There’s good skiing and good eating to be had at Sainte-Foy Tarentaise – plenty of snowmaking, and the powder is sheltered by the trees, so it stays around for days. And no accommodation is far from the lifts or nursery slope. Besides the 23 runs that snake through the larch trees, an exhilarating heli-drop can take you to even wilder, more awe-inspiring landscapes across the Italian border!
6. Le Grand Bornand
Only an hour or so from Geneva airport, the Aravis mountains - which envelop Le Grand Bornand and its neighbour La Clusaz - offer a seriously impressive choice of seven distinct ski areas (eight if you include the tiny ski area of St Jean de Sixt).
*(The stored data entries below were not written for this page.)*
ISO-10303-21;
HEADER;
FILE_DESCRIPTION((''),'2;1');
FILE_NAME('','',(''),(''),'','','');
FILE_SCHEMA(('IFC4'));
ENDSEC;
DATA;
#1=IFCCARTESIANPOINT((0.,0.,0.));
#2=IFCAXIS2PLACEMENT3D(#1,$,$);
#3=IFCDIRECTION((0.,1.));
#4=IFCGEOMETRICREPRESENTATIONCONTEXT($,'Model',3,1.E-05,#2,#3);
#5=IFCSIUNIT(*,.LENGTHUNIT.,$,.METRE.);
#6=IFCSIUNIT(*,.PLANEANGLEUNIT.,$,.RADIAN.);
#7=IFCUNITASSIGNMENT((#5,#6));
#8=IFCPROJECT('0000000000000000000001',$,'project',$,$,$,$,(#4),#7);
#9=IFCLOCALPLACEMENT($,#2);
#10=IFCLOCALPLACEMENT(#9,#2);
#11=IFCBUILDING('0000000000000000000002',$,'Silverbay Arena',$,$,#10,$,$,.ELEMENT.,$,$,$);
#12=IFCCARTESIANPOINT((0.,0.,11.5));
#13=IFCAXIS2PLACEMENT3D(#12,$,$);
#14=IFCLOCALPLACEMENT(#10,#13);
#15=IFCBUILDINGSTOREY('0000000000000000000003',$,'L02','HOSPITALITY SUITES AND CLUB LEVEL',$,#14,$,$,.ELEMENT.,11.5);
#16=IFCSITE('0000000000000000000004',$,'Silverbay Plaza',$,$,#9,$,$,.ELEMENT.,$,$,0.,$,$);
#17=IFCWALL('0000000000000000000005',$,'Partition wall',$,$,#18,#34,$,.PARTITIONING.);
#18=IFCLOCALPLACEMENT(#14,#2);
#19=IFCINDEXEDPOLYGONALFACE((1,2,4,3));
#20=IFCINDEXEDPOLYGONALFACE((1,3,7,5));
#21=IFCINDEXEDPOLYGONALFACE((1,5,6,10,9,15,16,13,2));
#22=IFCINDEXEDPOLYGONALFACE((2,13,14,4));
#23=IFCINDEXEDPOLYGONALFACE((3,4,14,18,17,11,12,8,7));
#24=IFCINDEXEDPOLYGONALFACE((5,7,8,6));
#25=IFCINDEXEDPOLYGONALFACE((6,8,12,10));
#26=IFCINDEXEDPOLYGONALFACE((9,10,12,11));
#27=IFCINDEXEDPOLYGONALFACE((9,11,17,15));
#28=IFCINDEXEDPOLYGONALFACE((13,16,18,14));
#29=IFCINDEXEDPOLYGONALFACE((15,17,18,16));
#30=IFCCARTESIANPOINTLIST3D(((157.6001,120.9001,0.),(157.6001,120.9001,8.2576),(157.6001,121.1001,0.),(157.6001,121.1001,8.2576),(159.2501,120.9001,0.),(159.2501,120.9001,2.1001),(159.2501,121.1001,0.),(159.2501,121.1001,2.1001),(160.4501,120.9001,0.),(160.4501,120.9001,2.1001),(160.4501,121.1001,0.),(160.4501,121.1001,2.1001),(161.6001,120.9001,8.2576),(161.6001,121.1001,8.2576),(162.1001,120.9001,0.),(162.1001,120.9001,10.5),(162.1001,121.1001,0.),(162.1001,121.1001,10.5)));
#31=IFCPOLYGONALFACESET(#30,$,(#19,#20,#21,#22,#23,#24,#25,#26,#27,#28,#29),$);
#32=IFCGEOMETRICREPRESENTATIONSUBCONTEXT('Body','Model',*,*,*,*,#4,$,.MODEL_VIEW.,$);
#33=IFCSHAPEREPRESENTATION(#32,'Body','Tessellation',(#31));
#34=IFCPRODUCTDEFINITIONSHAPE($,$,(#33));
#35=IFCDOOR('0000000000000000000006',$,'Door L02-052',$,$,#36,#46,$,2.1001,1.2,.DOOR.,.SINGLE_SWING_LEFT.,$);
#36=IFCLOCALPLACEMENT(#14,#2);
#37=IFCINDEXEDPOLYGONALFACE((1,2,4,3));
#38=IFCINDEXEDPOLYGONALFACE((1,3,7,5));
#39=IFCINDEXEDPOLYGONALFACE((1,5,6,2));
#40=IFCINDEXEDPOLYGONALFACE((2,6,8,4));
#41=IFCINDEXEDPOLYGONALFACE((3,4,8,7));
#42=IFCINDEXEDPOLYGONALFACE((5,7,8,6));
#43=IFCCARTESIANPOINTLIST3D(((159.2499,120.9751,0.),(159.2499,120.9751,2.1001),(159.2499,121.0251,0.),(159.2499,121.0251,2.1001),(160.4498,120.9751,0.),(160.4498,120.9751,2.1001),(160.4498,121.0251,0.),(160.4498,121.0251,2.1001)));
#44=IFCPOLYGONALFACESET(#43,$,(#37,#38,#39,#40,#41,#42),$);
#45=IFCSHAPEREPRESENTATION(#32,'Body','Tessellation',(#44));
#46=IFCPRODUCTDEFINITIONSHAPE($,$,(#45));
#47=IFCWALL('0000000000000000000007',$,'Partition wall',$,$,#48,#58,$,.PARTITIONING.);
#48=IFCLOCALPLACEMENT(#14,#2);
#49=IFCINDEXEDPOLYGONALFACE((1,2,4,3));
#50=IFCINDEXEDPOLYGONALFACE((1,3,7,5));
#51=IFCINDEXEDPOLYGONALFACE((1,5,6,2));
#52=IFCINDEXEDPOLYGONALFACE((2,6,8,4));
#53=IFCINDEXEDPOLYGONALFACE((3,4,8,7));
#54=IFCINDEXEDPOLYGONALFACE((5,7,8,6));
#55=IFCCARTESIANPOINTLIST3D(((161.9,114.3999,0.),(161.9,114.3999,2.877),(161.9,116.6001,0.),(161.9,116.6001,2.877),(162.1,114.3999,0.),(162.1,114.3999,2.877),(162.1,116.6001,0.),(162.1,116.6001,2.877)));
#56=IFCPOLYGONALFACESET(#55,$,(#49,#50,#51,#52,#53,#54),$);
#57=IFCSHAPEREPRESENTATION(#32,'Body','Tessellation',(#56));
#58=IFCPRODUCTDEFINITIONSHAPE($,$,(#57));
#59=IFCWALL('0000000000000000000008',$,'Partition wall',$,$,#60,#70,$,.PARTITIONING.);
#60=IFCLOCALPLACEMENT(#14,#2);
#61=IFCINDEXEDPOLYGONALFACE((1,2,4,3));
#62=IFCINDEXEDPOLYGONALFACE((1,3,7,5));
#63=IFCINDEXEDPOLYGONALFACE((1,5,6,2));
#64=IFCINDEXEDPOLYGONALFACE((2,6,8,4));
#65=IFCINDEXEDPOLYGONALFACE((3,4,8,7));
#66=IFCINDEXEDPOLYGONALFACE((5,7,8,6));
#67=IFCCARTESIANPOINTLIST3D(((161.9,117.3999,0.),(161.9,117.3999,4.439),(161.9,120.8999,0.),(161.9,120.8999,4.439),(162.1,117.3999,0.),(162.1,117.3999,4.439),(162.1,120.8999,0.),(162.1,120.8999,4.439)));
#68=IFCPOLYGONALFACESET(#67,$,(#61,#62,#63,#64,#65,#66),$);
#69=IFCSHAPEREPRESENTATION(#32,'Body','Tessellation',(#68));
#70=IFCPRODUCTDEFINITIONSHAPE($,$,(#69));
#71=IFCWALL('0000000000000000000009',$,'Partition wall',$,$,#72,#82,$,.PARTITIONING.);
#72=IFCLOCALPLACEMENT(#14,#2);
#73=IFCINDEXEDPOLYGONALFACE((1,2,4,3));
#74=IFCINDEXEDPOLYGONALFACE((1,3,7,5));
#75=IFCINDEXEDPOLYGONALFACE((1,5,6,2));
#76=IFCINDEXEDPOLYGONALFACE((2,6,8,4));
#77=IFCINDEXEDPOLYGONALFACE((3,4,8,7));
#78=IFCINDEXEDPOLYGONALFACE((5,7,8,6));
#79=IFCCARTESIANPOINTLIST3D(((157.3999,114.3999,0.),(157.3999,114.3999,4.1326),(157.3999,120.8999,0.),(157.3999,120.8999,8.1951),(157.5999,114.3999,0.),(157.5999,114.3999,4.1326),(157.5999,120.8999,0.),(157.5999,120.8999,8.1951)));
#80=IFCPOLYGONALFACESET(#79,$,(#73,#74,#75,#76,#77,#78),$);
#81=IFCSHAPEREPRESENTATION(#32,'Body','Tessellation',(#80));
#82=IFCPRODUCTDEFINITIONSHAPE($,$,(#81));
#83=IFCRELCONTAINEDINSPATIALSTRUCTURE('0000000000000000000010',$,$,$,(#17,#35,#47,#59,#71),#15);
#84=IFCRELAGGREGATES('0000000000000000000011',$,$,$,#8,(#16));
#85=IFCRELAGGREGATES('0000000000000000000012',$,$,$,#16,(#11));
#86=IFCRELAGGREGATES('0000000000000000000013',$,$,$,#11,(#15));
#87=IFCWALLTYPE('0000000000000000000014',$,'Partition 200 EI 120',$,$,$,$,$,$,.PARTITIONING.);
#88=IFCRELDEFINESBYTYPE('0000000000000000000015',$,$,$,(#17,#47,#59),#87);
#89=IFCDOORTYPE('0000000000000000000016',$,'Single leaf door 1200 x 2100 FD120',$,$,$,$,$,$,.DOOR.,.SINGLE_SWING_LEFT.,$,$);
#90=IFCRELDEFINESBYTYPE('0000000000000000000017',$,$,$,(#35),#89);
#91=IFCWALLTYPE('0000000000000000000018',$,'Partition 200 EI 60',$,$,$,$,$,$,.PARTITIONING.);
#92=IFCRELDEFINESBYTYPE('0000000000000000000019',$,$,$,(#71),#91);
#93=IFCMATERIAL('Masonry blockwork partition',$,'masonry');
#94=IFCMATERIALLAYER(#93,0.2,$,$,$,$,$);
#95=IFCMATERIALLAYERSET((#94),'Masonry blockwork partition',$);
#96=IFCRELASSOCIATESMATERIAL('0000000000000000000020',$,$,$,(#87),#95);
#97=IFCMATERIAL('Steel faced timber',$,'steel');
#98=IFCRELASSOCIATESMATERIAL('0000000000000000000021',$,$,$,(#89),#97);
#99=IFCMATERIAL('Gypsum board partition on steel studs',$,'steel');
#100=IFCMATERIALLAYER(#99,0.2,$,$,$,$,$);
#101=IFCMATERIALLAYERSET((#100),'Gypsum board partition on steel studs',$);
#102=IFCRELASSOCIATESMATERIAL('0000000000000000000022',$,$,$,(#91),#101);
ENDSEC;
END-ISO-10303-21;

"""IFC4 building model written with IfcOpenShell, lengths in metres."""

from ifc_helpers import new_model, si_unit, direction, frame, frame_2d, origin, place, context, subcontext, project, spatial, polyline, rectangle, outline, extrude, material, layer, layer_set, type_object, element, fill, save


model = new_model("IFC4")

# Units and contexts
model_context = context("Model", 3, precision=1e-05, world=origin(), true_north=direction((0.0, 1.0)))
body_context = subcontext(model_context, "Body", "Model", "MODEL_VIEW")
ifc_project = project(units=[si_unit("LENGTHUNIT", "METRE"), si_unit("PLANEANGLEUNIT", "RADIAN")], contexts=[model_context])

# Site, building, storey
site_placement = place(None, origin())
site = spatial("IfcSite", under=ifc_project, at=site_placement, Name="Silverbay Plaza", CompositionType="ELEMENT", RefElevation=0.0)
building_placement = place(site_placement, origin())
building = spatial("IfcBuilding", under=site, at=building_placement, Name="Silverbay Arena", CompositionType="ELEMENT")
storey_placement = place(building_placement, frame((0.0, 0.0, 11.5)))
storey = spatial("IfcBuildingStorey", under=building, at=storey_placement, Name="L02", Description="HOSPITALITY SUITES AND CLUB LEVEL", CompositionType="ELEMENT", Elevation=11.5)

# Wall, opening, door
ifc_material_1 = material(Name="Masonry blockwork partition", Category="masonry")
ifc_layer_1 = layer(ifc_material_1, 0.2)
ifc_layer_set_1 = layer_set([ifc_layer_1], Name="Masonry blockwork partition")
wall_type_1 = type_object("IfcWallType", Name="Partition 200 EI 120", PredefinedType="PARTITIONING", material=ifc_layer_set_1)
wall_1_placement = place(storey_placement, frame((157.6001, 121.0, 0.0), z_axis=(0.0, 0.0, 1.0), x_axis=(1.0, 0.0, 0.0)))
wall_1 = element("IfcWall", 1, at=wall_1_placement, inside=storey, type_object=wall_type_1, Name="Partition wall", PredefinedType="PARTITIONING", context=body_context, shape_type="SweptSolid", body=[
    extrude(outline(polyline([(0.0, 0.0), (4.5, 0.0), (4.5, 10.5), (4.0, 8.2576), (0.0, 8.2576), (0.0, 0.0)])), frame((0.0, 0.1001, 0.0), z_axis=(0.0, -1.0, 0.0), x_axis=(1.0, 0.0, 0.0)), (0.0, 0.0, 1.0), 0.2),
])
opening_1_placement = place(wall_1_placement, frame((1.6499, 0.0, 0.0)))
opening_1 = element("IfcOpeningElement", 2, at=opening_1_placement, cuts=wall_1, PredefinedType="OPENING", context=body_context, shape_type="SweptSolid", body=[
    extrude(rectangle(XDim=1.2, YDim=2.1001, at=frame_2d((0.6001, 1.05))), frame((0.0, 0.1099, 0.0), z_axis=(0.0, -1.0, 0.0), x_axis=(1.0, 0.0, 0.0)), (0.0, 0.0, 1.0), 0.22),
])
ifc_material_2 = material(Name="Steel faced timber", Category="steel")
door_type_1 = type_object("IfcDoorType", Name="Single leaf door 1200 x 2100 FD120", OperationType="SINGLE_SWING_LEFT", PredefinedType="DOOR", material=ifc_material_2)
door_1_placement = place(opening_1_placement, frame((1.2, 0.0, 0.0), z_axis=(0.0, 0.0, 1.0), x_axis=(-1.0, 0.0, 0.0)))
door_1 = element("IfcDoor", 3, at=door_1_placement, inside=storey, type_object=door_type_1, Name="Door L02-052", OperationType="SINGLE_SWING_LEFT", OverallHeight=2.1001, OverallWidth=1.2, PredefinedType="DOOR", context=body_context, shape_type="SweptSolid", body=[
    extrude(rectangle(XDim=1.2, YDim=2.1001, at=frame_2d((0.6001, 1.05))), frame((0.0, 0.0249, 0.0), z_axis=(0.0, -1.0, 0.0), x_axis=(1.0, 0.0, 0.0)), (0.0, 0.0, 1.0), 0.05),
])
fill(opening_1, door_1)

# Walls
wall_2_placement = place(storey_placement, frame((162.0, 114.3999, 0.0), z_axis=(0.0, 0.0, 1.0), x_axis=(0.0, 1.0, 0.0)))
element("IfcWall", 4, at=wall_2_placement, inside=storey, type_object=wall_type_1, Name="Partition wall", PredefinedType="PARTITIONING", context=body_context, shape_type="SweptSolid", body=[
    extrude(rectangle(XDim=2.2002, YDim=0.2, at=frame_2d((1.1001, 0.0))), origin(), (0.0, 0.0, 1.0), 2.877),
])
wall_3_placement = place(storey_placement, frame((162.0, 117.3999, 0.0), z_axis=(0.0, 0.0, 1.0), x_axis=(0.0, 1.0, 0.0)))
element("IfcWall", 5, at=wall_3_placement, inside=storey, type_object=wall_type_1, Name="Partition wall", PredefinedType="PARTITIONING", context=body_context, shape_type="SweptSolid", body=[
    extrude(rectangle(XDim=3.5, YDim=0.2, at=frame_2d((1.75, 0.0))), origin(), (0.0, 0.0, 1.0), 4.439),
])
ifc_material_3 = material(Name="Gypsum board partition on steel studs", Category="steel")
ifc_layer_2 = layer(ifc_material_3, 0.2)
ifc_layer_set_2 = layer_set([ifc_layer_2], Name="Gypsum board partition on steel studs")
wall_type_2 = type_object("IfcWallType", Name="Partition 200 EI 60", PredefinedType="PARTITIONING", material=ifc_layer_set_2)
wall_4_placement = place(storey_placement, frame((157.5, 114.3999, 0.0), z_axis=(0.0, 0.0, 1.0), x_axis=(0.0, 1.0, 0.0)))
element("IfcWall", 6, at=wall_4_placement, inside=storey, type_object=wall_type_2, Name="Partition wall", PredefinedType="PARTITIONING", context=body_context, shape_type="SweptSolid", body=[
    extrude(outline(polyline([(0.0, 0.0), (6.5, 0.0), (6.5, 8.1951), (0.0, 4.1326), (0.0, 0.0)])), frame((0.0, 0.1001, 0.0), z_axis=(0.0, -1.0, 0.0), x_axis=(1.0, 0.0, 0.0)), (0.0, 0.0, 1.0), 0.2),
])

save(model, "model.ifc")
Between them, they offer just about every type of skiing ambience you could wish for – from gentle, family skiing, to steep-and-deep and serious touring opportunities, it’s all here in the Annecy Mountains (formally Lake Annecy Ski Resorts). Le Grand Bornand alone offers 90kms of ski runs served by 29 ski lifts. And La Clusaz, included in the Aravis Pass, has 130km of pistes.
Le Grand-Bornand is a beautiful chalet-rich Savoyard village. The Aravis Mountains’ highest peak, the distinctive Pointe Percée from where largely gentle forested slopes meander down towards the valley, forms the main backdrop to Le Grand Bornand village. This is a veritable picture of old France with its shops, church, market square and covered market. Six kilometres up the valley is Le Chinaillon, where most of the ski runs begin.